In der ersten Zeit war ich sehr skeptisch und zurückhaltend, wir dann aber beschlossen das Haus fertig zu machen und auch in dieses einzuziehen, sprachen wir viel über unsere, doch eher außergewöhnliche, Konstellation und auch die „klassische“ Rollenverteilung.
Zu Beginn war ich hoffnungslos überfordert. Nein, hier gibt es kein „schön-reden“ – es war für mich eine schwierige Zeit. Ich wollte alles richtig machen, wusste aber nicht genau wie. Dann wollte ich mich nicht zu viel einmischen, schließlich bin und war ich ja kein Elternteil. Aus dem „Rosenkrieg“ um die Kinder, hielt ich mich auch raus, soweit und sogut ich es eben konnte. Es war eine schwierige Zeit, die mir viel abverlangte. Oft hatte ich Zweifel und dachte, ich könnte es in dieser Form niemals schaffen.

In irgendeiner Form habe ich dann nach dem Einzug die „Mutterrolle“ übernommen, obwohl ich nicht ihre Mama bin. Aber ich bin da. Morgens. Mittags. Abends. Nachts. Ich kam ja gerade frisch von der Uni, also vom Studentenleben, direkt in das Familienchaos. Mann, Haus, Kinder – alles über Nacht. Zuerst musste ich nur auf mich schauen, auf einmal waren da ein großes Haus, zwei recht kleine Kinder, meine Arbeit und eine noch ganz frische Beziehung. Eine enorme Umstellung, in der mir meine Familie und auch die Familie meines Partner halfen, wo immer sie auch konnten. Zum Glück kann ich auch jetzt immer auf ihre Unterstützung zählen. Ohne die hätte ich es nicht so gut hinbekommen. Aber auch bei einer langen Wanderung ist es besser, diese zu zweit oder in einer Gruppe zu bewältigen. Man schafft es leichter, man kann darüber reden, man motiviert sich gegenseitig.

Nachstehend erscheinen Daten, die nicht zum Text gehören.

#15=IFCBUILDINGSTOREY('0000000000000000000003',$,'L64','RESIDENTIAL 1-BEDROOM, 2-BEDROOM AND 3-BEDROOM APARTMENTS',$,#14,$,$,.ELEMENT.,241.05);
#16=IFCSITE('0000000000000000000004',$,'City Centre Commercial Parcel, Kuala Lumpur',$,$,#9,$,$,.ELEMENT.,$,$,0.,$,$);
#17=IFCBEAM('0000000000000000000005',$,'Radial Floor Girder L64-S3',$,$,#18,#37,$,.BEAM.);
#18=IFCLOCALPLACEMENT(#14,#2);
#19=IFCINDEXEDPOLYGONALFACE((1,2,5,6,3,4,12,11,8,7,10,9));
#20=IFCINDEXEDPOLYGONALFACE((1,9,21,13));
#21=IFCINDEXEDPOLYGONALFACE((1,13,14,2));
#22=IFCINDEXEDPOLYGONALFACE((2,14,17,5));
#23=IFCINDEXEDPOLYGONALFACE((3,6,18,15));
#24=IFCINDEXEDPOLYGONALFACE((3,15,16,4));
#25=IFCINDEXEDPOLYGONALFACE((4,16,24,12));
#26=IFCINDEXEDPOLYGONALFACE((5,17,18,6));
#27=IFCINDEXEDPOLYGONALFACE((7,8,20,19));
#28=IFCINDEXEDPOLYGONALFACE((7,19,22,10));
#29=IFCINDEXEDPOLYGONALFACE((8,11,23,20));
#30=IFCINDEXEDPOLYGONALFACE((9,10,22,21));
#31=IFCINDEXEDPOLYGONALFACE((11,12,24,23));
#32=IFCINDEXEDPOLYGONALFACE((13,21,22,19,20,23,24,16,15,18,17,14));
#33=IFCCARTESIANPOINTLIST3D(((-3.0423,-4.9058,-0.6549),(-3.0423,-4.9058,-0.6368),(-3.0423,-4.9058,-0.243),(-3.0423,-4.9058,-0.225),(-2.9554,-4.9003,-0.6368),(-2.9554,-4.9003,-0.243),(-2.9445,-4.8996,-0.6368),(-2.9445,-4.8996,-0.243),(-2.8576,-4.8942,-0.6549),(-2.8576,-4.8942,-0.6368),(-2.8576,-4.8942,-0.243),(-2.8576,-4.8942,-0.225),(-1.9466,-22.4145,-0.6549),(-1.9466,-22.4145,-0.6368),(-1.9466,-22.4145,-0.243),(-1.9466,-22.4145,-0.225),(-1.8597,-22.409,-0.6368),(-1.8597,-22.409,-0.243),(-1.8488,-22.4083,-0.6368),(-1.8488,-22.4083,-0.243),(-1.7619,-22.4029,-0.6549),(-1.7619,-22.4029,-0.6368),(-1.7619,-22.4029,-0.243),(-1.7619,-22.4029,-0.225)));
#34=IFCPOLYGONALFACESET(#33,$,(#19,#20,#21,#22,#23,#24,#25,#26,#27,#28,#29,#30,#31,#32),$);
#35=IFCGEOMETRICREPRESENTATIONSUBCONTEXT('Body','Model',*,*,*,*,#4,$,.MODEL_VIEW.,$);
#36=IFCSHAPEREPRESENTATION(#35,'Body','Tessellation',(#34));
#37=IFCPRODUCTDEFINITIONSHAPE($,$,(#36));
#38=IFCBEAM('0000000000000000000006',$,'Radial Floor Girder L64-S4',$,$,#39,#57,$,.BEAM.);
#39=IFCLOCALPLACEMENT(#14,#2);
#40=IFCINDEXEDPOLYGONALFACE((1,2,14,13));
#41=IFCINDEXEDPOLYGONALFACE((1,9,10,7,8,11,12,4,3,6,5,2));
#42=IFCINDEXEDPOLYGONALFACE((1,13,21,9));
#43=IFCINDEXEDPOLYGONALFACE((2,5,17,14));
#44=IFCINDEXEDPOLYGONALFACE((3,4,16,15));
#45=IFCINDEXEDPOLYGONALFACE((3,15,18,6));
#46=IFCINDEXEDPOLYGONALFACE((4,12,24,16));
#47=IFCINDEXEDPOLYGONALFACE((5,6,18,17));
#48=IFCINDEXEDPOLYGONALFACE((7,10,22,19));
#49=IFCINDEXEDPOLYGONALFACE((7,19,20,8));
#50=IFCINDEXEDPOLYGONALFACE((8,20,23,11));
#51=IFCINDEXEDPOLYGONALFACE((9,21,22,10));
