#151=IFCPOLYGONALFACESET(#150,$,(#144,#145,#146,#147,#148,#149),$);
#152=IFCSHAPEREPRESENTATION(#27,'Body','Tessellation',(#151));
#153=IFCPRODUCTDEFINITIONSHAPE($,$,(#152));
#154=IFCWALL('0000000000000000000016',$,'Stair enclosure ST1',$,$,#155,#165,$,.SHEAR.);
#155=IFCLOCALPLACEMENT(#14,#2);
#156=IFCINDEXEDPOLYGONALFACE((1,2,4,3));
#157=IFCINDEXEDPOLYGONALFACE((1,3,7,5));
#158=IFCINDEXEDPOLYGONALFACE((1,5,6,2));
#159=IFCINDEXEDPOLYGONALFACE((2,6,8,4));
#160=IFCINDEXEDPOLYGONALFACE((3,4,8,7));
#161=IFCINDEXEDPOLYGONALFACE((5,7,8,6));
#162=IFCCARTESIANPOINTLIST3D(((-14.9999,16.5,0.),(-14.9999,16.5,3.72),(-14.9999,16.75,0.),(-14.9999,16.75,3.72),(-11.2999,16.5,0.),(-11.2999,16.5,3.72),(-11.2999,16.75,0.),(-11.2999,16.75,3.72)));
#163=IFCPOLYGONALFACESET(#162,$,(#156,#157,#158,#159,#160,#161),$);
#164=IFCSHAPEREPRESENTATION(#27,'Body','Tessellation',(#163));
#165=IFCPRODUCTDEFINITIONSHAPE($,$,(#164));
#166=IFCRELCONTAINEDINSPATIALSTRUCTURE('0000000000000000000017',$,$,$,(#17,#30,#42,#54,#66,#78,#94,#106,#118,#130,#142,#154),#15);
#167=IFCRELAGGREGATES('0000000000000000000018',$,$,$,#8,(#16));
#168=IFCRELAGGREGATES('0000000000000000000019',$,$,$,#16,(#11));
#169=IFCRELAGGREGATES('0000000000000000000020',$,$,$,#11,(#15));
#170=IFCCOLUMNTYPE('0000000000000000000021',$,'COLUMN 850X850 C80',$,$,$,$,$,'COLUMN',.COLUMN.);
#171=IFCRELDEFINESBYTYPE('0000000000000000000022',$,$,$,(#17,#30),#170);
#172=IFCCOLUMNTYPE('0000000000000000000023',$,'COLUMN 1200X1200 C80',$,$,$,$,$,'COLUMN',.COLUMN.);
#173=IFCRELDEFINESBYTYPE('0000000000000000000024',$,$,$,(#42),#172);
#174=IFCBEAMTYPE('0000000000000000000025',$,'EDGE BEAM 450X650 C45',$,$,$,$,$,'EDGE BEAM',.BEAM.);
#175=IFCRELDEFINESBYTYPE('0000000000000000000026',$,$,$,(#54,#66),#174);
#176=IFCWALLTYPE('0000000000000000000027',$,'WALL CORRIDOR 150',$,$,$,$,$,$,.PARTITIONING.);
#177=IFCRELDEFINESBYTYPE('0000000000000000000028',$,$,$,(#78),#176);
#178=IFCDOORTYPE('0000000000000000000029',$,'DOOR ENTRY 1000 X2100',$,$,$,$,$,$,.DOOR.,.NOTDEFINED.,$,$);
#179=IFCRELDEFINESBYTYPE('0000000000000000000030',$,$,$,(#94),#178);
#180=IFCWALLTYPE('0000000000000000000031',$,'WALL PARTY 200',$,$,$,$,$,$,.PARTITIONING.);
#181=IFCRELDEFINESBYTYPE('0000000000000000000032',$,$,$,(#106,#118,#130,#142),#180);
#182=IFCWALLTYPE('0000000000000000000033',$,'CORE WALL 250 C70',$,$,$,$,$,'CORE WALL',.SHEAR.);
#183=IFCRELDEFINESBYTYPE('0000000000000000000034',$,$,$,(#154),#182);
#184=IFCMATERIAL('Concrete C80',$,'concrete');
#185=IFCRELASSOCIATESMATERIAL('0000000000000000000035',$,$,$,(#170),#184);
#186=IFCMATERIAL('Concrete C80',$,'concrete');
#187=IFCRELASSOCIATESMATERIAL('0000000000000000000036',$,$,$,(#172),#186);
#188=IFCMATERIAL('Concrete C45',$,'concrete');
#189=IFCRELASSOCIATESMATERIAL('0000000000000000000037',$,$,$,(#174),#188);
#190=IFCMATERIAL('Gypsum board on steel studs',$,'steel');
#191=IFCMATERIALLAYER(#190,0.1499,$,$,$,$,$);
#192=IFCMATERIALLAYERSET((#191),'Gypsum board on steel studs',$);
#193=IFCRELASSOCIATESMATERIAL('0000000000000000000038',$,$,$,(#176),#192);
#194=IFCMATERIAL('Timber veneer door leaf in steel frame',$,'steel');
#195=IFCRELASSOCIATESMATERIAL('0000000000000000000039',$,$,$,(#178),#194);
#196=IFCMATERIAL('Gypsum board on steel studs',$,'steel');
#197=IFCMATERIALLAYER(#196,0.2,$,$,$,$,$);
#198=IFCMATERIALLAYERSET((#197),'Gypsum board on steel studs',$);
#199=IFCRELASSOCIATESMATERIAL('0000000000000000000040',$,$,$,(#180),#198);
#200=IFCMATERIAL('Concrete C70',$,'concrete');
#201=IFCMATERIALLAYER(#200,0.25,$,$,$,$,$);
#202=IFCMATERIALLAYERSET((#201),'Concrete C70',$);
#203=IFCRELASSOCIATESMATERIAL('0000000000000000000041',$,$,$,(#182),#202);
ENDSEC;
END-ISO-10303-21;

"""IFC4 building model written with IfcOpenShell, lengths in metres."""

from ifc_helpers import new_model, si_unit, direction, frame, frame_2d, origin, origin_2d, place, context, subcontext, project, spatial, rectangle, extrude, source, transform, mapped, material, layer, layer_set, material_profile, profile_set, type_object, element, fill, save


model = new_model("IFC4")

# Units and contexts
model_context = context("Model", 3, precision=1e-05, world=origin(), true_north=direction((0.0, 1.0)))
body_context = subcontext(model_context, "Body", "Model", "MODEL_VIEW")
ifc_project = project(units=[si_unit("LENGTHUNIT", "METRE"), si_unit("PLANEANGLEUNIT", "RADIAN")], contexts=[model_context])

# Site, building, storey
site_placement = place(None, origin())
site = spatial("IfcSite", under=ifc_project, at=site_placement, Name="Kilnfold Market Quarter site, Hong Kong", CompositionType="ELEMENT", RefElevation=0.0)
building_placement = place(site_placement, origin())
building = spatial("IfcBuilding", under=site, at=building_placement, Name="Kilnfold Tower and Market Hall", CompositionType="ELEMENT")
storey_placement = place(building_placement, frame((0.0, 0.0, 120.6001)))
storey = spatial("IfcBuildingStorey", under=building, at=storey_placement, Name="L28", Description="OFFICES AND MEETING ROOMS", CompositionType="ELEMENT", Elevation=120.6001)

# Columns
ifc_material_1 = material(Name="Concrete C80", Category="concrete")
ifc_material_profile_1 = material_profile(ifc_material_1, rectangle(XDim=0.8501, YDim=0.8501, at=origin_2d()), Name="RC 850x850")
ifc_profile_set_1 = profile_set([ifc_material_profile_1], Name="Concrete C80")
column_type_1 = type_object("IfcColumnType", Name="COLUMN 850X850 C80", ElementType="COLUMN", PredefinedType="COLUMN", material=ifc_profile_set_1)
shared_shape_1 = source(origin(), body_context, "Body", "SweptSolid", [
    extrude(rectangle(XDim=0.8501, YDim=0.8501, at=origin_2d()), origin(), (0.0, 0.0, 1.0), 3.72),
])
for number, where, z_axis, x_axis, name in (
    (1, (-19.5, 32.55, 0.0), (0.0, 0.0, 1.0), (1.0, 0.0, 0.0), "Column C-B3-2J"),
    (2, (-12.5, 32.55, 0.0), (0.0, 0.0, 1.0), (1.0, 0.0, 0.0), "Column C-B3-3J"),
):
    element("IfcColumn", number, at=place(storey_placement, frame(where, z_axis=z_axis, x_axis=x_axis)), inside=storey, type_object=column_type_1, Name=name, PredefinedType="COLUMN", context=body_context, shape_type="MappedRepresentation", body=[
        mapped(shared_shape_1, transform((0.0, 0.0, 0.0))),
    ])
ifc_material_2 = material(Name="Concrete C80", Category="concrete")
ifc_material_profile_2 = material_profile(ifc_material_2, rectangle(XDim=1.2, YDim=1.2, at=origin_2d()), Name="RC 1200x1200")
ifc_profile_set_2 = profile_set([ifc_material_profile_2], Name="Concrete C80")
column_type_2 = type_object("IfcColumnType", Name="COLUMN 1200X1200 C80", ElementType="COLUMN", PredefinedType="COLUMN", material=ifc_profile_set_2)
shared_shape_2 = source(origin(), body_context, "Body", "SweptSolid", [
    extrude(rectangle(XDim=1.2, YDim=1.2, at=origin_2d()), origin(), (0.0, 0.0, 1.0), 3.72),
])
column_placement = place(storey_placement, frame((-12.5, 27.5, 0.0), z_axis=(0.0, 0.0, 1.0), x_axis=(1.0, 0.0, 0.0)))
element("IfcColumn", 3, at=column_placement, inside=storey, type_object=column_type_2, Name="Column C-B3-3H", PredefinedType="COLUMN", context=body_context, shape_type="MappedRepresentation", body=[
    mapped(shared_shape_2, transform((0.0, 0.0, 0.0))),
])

Leicht ist es nicht, aber auf alle Fälle schaffbar – wenn man will und wenn man es trotzdem schafft, eine gute Beziehung zu führen. Und ich denke, wir sind auf einem guten Weg…

alles liebe,
eure vera

2 Gedanken zu „Patchwork ist kein Spaziergang“

  1. Ich kann nur den Hut vor Dir ziehen, wie Du das alles meisterst. Ich habe zwei eigene kleine Kinder, hatte also die Zeit, langsam und nicht von heute auf Morgen in das Familienleben hineinzuwachsen, und fühle mich schon sehr gefordert. Wahnsinn, wie Du das hinbekommen hast und nebenbei auch noch Zeit für Musik und den Blog findest!